Atitudes e Satisfação no Trabalho: Chaves para o Engajamento

As atitudes são avaliações favoráveis ou desfavoráveis que influenciam o comportamento. As atitudes em relação ao trabalho mais estudadas são:

  • Satisfação no trabalho: Sentimento positivo em relação ao cargo. Aumenta a produtividade, o comportamento de cidadania organizacional e a satisfação do cliente. É medida por meio de pesquisas e escalas.
  • Envolvimento no trabalho: Grau em que uma pessoa se identifica psicologicamente com seu trabalho.
  • Comprometimento organizacional: Lealdade em relação à organização.
  • Apoio organizacional percebido (AOP): Grau em que os colaboradores acreditam que a organização valoriza suas contribuições e se preocupa com seu bem-estar.
  • Engajamento do colaborador: Grau de entusiasmo e conexão com o trabalho.

A insatisfação no trabalho pode levar a condutas laborais contraproducentes (CLC), absenteísmo e rotatividade. É crucial para os gestores entender e abordar as causas da insatisfação.

Emoções e Estados de Humor: Impacto no Comportamento

As emoções são sentimentos intensos direcionados a alguém ou algo, enquanto os estados de humor são sentimentos menos intensos e mais duradouros, sem um estímulo específico. As emoções básicas incluem a alegria, surpresa, tristeza, raiva, medo e desgosto.

  • Fontes: Personalidade, hora do dia, dia da semana, clima, estresse, atividades sociais, sono, exercício e idade.
  • Trabalho emocional: Expressar emoções desejáveis no cargo.
  • Inteligência emocional (IE): Capacidade de perceber, entender e gerenciar as emoções. Alguns estudos a consideram crucial para o desempenho.
  • Regulação emocional: Estratégias para influenciar as próprias emoções. Sua aplicação no CO inclui seleção, tomada de decisões, criatividade, motivação, liderança, negociação e atendimento ao cliente.

Personalidade e Valores: O Mapa Interno do Indivíduo

A personalidade é a soma total das formas como um indivíduo reage e interage com os outros. É medida por meio de questionários de autoavaliação e são usadas diferentes estruturas conceituais:

  • Indicador de Tipos Myers-Briggs (MBTI): Classifica as pessoas em 16 tipos de personalidade baseados em dicotomias como extroversão/introversão. Embora popular, sua validade científica é limitada.
  • Modelo dos Cinco Grandes (Big Five): Cinco dimensões que capturam a maioria das variações da personalidade: extroversão, amabilidade, conscienciosidade, estabilidade emocional (neuroticismo) e abertura à experiência. É o modelo mais aceito e validado.
  • A Tríade Sombria: Traços negativos como o maquiavelismo, o narcisismo e a psicopatia, que podem manifestar-se no local de trabalho.
  • Outros traços: Autoavaliações essenciais (autoestima, autoeficácia, lócus de controle), automonitoramento e personalidade proativa.
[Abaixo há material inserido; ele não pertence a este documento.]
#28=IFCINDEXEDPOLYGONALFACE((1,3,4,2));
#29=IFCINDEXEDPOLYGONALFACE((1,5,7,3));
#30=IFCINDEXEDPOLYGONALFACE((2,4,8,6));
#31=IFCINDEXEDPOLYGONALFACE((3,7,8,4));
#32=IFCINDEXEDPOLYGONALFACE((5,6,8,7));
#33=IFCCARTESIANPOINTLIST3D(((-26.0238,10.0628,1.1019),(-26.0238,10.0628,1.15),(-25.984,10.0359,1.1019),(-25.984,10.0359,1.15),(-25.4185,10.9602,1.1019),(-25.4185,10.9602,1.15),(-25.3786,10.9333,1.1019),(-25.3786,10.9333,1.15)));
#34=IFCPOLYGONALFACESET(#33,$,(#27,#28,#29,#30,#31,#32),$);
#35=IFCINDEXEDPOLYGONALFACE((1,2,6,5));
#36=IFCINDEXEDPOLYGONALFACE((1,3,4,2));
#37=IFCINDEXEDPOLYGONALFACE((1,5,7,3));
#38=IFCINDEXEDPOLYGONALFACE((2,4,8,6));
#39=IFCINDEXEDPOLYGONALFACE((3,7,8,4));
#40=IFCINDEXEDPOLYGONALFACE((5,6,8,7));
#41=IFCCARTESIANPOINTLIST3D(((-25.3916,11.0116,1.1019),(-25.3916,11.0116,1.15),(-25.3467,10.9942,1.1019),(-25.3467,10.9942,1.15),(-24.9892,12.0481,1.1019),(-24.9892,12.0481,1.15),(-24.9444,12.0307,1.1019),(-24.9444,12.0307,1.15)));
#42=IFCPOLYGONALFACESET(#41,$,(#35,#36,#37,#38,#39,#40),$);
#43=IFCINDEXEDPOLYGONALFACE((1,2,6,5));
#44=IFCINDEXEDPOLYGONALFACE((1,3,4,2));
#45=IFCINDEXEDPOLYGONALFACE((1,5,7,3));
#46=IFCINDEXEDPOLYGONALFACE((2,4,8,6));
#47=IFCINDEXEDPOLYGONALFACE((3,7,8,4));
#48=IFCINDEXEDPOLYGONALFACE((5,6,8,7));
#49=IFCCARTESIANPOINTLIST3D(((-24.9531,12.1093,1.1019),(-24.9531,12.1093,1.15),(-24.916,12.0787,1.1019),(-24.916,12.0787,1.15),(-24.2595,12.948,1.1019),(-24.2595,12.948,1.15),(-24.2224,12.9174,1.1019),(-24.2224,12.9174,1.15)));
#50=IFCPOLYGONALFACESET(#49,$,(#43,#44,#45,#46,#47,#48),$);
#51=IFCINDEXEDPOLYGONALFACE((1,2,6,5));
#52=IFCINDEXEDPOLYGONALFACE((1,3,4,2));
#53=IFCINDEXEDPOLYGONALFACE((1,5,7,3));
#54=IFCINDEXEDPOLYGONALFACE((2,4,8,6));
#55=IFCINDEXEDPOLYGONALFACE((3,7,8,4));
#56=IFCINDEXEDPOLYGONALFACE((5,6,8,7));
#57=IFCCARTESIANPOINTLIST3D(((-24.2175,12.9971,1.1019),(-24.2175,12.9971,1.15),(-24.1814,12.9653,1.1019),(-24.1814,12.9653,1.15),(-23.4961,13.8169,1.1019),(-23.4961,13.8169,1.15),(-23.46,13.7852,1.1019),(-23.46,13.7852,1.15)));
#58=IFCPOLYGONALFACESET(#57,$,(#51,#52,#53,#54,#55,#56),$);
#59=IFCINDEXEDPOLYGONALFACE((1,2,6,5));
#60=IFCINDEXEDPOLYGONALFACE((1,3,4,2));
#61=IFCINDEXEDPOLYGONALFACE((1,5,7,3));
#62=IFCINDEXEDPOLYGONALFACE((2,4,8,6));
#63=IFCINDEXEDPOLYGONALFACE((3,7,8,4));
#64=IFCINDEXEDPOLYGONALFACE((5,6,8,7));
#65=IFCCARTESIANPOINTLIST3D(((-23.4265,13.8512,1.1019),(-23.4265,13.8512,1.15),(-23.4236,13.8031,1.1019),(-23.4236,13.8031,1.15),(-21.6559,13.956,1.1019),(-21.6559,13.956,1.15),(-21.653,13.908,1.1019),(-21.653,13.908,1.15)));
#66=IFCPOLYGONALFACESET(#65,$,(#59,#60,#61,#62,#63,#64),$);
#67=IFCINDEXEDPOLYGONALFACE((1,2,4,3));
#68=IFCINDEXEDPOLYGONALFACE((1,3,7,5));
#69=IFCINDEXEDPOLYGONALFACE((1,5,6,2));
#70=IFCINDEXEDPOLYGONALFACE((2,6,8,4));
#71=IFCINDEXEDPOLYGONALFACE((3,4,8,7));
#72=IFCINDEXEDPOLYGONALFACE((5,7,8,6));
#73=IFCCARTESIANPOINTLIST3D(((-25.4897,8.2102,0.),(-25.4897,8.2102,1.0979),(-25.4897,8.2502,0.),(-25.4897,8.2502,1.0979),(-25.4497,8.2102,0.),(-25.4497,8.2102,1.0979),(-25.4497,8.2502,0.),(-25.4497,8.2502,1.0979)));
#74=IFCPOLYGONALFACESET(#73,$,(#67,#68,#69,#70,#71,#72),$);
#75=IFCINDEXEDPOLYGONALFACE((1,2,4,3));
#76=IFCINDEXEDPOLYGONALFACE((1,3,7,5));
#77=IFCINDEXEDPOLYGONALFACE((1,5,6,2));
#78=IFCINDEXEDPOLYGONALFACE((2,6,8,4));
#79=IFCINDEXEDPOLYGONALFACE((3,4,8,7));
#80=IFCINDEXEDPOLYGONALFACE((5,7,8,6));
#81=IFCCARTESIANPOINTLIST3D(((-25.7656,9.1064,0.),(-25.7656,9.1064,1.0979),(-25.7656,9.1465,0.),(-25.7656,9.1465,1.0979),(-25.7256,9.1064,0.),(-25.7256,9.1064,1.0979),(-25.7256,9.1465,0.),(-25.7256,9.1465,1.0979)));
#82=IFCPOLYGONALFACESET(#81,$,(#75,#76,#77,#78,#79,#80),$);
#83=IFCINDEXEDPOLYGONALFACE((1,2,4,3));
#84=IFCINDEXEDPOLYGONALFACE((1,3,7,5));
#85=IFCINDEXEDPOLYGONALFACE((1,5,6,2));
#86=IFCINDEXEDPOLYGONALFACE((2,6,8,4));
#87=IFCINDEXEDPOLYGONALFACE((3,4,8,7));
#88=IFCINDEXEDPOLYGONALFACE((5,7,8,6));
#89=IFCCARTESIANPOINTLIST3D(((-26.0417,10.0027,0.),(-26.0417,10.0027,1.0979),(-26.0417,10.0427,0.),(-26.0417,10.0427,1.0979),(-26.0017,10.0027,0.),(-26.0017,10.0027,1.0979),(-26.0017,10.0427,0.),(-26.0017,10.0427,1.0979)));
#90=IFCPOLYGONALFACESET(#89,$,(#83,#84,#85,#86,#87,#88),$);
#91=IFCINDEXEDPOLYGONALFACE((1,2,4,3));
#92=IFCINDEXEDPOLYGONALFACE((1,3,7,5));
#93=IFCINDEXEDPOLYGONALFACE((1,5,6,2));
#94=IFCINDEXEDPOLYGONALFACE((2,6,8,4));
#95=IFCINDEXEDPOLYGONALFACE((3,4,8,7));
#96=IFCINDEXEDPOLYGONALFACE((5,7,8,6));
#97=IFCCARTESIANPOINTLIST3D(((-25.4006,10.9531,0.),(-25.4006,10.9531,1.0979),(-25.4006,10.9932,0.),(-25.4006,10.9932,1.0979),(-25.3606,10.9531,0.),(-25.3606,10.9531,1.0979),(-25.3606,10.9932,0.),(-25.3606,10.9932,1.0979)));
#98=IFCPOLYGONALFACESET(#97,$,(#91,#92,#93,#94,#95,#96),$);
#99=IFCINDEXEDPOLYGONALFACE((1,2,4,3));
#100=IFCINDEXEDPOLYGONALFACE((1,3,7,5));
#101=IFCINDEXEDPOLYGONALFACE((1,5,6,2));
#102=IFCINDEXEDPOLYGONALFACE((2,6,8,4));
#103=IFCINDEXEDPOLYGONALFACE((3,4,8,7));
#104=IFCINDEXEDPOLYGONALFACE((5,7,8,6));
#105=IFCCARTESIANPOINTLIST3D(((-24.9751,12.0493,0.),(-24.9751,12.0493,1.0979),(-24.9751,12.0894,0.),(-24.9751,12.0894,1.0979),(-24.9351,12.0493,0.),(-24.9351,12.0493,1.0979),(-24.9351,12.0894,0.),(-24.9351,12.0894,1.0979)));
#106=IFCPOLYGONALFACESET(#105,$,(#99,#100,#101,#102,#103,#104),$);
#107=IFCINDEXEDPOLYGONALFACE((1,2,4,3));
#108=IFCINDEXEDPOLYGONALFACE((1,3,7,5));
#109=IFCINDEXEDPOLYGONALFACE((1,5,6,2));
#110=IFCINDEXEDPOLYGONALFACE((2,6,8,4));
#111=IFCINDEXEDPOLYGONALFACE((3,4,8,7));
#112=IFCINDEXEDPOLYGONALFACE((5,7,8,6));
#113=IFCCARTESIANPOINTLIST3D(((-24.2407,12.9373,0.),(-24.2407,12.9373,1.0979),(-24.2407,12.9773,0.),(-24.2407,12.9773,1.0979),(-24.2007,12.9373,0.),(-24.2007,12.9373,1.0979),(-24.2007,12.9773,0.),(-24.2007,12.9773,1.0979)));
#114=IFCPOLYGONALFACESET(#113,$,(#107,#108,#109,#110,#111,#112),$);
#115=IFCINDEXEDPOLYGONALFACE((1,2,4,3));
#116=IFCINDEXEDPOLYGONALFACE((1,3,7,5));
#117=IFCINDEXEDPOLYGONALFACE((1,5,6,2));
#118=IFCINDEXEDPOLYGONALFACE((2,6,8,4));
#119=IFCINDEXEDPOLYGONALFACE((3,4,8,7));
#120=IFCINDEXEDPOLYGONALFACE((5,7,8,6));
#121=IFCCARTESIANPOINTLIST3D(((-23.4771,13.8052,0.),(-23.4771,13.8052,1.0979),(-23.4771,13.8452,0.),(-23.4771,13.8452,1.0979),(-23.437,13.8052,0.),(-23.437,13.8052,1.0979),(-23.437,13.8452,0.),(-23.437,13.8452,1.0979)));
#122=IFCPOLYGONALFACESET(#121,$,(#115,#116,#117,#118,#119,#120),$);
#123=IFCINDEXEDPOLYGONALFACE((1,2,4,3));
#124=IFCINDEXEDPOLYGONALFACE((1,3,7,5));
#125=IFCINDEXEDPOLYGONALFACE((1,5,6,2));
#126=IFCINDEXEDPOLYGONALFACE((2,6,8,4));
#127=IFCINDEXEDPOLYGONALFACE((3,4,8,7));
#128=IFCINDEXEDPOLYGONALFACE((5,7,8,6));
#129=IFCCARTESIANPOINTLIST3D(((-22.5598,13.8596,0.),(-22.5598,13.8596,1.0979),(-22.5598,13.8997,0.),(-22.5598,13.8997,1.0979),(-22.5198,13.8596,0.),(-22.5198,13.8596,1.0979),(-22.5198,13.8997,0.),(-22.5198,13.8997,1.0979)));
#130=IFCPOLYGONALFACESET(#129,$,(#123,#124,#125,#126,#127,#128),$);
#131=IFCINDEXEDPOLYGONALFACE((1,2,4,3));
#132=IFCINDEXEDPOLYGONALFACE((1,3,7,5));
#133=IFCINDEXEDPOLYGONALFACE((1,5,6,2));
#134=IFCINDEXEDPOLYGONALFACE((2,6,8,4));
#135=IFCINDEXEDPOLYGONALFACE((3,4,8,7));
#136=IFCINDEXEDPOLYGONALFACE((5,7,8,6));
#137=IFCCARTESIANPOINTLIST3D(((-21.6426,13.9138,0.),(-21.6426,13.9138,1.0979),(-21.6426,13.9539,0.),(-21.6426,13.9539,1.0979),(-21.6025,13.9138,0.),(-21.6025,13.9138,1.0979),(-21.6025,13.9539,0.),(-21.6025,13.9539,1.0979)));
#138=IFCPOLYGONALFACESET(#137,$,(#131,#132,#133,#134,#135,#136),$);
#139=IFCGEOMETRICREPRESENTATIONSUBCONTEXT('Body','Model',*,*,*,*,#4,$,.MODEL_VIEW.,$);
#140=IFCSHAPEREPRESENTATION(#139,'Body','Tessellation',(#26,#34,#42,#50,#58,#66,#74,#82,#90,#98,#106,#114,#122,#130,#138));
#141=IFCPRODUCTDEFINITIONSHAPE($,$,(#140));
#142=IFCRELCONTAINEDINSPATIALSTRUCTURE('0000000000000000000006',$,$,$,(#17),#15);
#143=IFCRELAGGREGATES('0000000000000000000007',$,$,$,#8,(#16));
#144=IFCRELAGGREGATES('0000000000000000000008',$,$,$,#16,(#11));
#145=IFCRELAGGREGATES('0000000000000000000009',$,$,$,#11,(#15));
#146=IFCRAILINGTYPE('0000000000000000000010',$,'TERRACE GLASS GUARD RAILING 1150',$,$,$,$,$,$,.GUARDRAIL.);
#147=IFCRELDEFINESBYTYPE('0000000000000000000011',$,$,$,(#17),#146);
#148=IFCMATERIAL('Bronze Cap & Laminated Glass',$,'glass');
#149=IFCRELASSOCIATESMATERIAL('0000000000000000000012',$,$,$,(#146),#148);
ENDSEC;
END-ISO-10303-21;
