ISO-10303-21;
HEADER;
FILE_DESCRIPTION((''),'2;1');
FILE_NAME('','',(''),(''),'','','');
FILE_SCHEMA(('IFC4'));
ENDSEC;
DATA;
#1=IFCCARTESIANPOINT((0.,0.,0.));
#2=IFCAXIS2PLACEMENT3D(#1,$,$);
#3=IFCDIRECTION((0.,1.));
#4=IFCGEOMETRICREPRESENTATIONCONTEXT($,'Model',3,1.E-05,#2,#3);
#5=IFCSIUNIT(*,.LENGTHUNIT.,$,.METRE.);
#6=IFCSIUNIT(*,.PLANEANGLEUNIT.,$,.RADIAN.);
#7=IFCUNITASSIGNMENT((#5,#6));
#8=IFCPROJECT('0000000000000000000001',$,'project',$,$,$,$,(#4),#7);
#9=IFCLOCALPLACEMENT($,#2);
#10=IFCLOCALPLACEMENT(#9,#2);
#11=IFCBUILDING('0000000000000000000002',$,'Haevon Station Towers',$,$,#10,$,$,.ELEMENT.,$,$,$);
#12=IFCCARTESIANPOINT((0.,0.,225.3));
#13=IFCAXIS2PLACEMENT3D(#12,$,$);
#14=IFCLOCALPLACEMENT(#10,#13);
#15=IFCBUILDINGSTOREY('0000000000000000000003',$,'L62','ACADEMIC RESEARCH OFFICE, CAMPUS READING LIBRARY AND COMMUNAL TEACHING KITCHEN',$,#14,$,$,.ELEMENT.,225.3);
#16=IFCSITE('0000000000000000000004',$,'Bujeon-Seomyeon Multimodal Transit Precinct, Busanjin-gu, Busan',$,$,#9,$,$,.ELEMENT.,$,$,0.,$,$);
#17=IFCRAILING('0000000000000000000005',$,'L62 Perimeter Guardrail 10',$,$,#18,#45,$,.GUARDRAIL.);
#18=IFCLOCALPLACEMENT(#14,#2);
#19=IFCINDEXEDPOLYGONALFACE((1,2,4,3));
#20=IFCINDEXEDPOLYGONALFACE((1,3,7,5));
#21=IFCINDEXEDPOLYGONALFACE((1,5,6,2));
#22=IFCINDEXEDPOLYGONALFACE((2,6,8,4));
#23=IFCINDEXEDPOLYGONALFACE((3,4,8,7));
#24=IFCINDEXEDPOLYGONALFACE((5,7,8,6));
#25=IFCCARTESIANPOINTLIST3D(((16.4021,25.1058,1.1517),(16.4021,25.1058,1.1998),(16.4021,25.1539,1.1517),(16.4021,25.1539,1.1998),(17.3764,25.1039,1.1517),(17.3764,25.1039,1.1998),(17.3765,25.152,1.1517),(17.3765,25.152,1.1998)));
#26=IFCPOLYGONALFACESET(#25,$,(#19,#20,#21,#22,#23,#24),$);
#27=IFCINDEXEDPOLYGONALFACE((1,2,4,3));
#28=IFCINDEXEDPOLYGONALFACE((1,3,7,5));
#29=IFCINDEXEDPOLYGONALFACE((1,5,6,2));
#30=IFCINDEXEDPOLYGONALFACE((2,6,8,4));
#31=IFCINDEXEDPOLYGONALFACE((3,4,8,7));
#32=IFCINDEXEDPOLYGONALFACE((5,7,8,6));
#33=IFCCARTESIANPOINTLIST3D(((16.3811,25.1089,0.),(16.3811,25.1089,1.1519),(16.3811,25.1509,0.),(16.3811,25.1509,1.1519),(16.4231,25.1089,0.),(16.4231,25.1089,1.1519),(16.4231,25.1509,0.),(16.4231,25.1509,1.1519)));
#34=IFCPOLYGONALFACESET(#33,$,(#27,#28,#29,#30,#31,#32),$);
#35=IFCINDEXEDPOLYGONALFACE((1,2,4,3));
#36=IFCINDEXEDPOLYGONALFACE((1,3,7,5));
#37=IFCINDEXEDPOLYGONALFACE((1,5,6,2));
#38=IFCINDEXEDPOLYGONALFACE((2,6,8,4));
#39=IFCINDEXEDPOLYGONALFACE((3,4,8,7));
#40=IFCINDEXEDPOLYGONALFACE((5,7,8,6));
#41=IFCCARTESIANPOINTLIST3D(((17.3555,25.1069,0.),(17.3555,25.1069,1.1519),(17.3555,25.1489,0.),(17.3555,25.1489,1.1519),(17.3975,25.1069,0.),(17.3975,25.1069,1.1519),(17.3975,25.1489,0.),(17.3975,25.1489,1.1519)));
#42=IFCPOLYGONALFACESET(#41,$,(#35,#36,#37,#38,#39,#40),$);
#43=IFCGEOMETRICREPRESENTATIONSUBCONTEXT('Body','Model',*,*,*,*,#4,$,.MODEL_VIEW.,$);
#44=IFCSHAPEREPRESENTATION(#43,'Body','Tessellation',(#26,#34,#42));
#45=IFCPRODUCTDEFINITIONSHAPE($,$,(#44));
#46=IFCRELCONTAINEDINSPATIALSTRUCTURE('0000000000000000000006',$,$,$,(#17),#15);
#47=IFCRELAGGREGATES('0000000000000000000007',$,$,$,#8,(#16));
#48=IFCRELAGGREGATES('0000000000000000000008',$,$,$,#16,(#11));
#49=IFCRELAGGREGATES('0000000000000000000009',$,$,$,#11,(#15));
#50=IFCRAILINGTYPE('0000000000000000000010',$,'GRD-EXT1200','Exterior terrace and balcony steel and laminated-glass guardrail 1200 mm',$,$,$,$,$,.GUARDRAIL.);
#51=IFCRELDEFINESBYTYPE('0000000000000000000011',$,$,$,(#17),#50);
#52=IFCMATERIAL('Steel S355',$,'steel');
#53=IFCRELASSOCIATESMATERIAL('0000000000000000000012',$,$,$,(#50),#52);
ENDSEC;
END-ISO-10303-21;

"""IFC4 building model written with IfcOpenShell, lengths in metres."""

from ifc_helpers import new_model, si_unit, direction, frame, origin, origin_2d, place, context, subcontext, project, spatial, rectangle, extrude, material, type_object, element, save


model = new_model("IFC4")

# Units and contexts
model_context = context("Model", 3, precision=1e-05, world=origin(), true_north=direction((0.0, 1.0)))
body_context = subcontext(model_context, "Body", "Model", "MODEL_VIEW")
ifc_project = project(units=[si_unit("LENGTHUNIT", "METRE"), si_unit("PLANEANGLEUNIT", "RADIAN")], contexts=[model_context])

# Site, building, storey
site_placement = place(None, origin())
site = spatial("IfcSite", under=ifc_project, at=site_placement, Name="Bujeon-Seomyeon Multimodal Transit Precinct, Busanjin-gu, Busan", CompositionType="ELEMENT", RefElevation=0.0)
building_placement = place(site_placement, origin())
building = spatial("IfcBuilding", under=site, at=building_placement, Name="Haevon Station Towers", CompositionType="ELEMENT")
storey_placement = place(building_placement, frame((0.0, 0.0, 225.3)))
storey = spatial("IfcBuildingStorey", under=building, at=storey_placement, Name="L62", Description="ACADEMIC RESEARCH OFFICE, CAMPUS READING LIBRARY AND COMMUNAL TEACHING KITCHEN", CompositionType="ELEMENT", Elevation=225.3)

# Shared definitions
ifc_material_1 = material(Name="Steel S355", Category="steel")

# Railing
railing_type = type_object("IfcRailingType", Name="GRD-EXT1200", Description="Exterior terrace and balcony steel and laminated-glass guardrail 1200 mm", PredefinedType="GUARDRAIL", material=ifc_material_1)
railing_placement = place(storey_placement, frame((16.4021, 25.1299, 0.0)))
element("IfcRailing", 1, at=railing_placement, inside=storey, type_object=railing_type, Name="L62 Perimeter Guardrail 10", PredefinedType="GUARDRAIL", context=body_context, shape_type="SweptSolid", body=[
    extrude(rectangle(XDim=0.0481, YDim=0.0481, at=origin_2d()), frame((0.0, 0.0, 1.1758), z_axis=(0.999998, -0.002005, 0.0), x_axis=(0.002005, 0.999998, 0.0)), (0.0, 0.0, 1.0), 0.9744),
    extrude(rectangle(XDim=0.042, YDim=0.042, at=origin_2d()), origin(), (0.0, 0.0, 1.0), 1.1519),
    extrude(rectangle(XDim=0.042, YDim=0.042, at=origin_2d()), frame((0.9744, -0.002, 0.0)), (0.0, 0.0, 1.0), 1.1519),
])

save(model, "model.ifc")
A teoria do poder da situação e a teoria de ativação dos traços explicam como a personalidade se manifesta de acordo com o contexto. O ajuste entre o indivíduo e o cargo e o ajuste entre o indivíduo e a organização são cruciais para a satisfação e o desempenho.

Os valores são convicções fundamentais sobre o que é desejável. Classificam-se em valores terminais (metas de vida desejáveis) e instrumentais (modos de conduta preferíveis). Os valores culturais, como os definidos pelo Modelo de Hofstede (distância do poder, individualismo, masculinidade, evitação da incerteza e orientação de longo prazo) e o esquema GLOBE, são essenciais para entender o comportamento em diferentes contextos internacionais.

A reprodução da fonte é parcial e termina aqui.